College professor of government Brendan Nyhan told NPR of other presidents who employed

the model, “FDR was not giving fireside chats about why the New York Times was a failing

institution” (Keith, 2016). If the president cleans up his Twitter behavior to feature positive, non-

controversial information and foster a relationship with the public, he would likely see a positive

reaction from the people and by default their representatives.

The @realDonaldTrump’s #MakeAmericaGreatAgain rhetoric doesn’t quite fit Kernell’s

modest 1987 definition of going public, and Neustadt likely never envisioned the president

partaking the aura of his physical surroundings in Mar-a-Lago. Frankly, even in the first few

days of November 2016, many Americans could not conceive the idea of a president quite like

Donald Trump. Despite the odds, though, the 45th President of the United States will soon

happen upon his 100th day in office. This anniversary comes with little substantive achievement

attached, as the president has not seen a single successful legislative endeavor enacted. Trump’s

failure to prompt legislative progress highlights the importance of working with Congress to

some capacity. His attempts at bargaining have fallen short, as legislatures have little incentive to
work with the unpopular president. At this point in his career, Trump’s best option is to go

public. In doing so, he can simultaneously get Congress to support his measures and mend a

dismal relationship with the public. The caveat to this is that Trump must be more cautious in his

conversations with the public, as his current rhetoric often reads negative. If Trump can prove

legislative success by going public, he may have more options to work with Congress in different

capacities moving forward.


References

Doherty, C. (2017). 6 things we’ve learned since the 2016 election. Pew Research Center.

Draper, R. (2017). Trump vs. Congress: Now what? The New York Times.

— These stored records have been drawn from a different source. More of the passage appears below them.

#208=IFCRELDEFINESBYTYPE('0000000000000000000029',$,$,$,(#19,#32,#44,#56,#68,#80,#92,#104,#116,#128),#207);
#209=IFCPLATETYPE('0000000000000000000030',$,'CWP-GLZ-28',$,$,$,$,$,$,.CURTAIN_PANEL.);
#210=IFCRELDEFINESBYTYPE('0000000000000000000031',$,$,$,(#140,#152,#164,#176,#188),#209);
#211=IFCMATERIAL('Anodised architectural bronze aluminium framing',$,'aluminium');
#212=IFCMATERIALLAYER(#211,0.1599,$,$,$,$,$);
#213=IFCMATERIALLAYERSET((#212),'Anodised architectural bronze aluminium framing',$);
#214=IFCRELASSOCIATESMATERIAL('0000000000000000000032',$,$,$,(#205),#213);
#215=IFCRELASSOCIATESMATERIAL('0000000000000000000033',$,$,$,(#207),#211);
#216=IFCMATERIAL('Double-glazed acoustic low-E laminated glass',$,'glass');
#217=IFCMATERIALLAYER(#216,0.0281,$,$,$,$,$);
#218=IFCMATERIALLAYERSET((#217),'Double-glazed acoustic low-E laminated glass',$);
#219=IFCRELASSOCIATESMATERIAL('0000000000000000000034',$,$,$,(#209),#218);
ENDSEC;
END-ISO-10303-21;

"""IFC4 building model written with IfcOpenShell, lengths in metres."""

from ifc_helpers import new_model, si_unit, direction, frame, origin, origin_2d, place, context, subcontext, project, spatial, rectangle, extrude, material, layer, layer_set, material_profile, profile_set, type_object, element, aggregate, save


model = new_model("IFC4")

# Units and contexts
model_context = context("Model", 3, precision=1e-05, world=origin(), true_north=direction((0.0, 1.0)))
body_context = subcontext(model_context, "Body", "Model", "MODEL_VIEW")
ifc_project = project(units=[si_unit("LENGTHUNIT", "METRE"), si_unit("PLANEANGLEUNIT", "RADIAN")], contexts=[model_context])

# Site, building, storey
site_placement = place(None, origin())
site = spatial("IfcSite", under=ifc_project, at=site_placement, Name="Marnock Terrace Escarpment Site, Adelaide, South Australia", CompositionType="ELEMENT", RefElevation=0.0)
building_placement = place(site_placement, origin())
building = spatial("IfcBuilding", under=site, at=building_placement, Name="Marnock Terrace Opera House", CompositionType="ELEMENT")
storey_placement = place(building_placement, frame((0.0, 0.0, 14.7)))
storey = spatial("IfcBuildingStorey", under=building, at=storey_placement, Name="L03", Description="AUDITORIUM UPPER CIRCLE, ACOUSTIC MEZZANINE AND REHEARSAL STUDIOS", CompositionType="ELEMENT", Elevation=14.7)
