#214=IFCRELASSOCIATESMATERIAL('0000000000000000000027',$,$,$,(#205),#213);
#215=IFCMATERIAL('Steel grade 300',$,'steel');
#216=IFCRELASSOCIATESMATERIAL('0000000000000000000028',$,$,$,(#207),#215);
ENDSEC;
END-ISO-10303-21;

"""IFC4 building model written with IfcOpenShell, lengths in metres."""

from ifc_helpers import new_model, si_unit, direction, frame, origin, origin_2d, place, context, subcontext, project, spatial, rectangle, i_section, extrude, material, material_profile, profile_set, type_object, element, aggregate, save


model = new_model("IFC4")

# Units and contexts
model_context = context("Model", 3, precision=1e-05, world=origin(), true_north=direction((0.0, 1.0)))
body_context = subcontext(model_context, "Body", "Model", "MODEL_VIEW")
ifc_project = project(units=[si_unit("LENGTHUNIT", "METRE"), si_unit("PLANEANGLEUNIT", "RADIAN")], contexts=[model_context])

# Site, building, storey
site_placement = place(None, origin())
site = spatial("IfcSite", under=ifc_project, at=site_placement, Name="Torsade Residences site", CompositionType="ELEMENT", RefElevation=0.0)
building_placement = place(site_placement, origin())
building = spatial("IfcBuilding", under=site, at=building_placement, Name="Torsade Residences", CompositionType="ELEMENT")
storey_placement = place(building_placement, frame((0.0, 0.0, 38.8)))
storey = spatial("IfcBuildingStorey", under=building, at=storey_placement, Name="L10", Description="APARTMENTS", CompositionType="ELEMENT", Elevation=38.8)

Keith, T. (2016). Commander-in-tweet: Trump’s social media use and presidential media

avoidance. NPR.

Kernell, S. (2007). Going public: New strategies of presidential leadership. Washington, D.C.:

CQ Press.

Neustadt, R. E. (1990). Presidential power and the modern presidents. New York: Free Press.

Newport, F. (2016). Trump’s three challenges as CEO of government. Gallup.

Phillip, A. & Costa, R. (2017). Trump remains the center of attention but he’s increasingly

isolated politically. The Washington Post.

The Washington Post. (2016). Why I voted for Trump.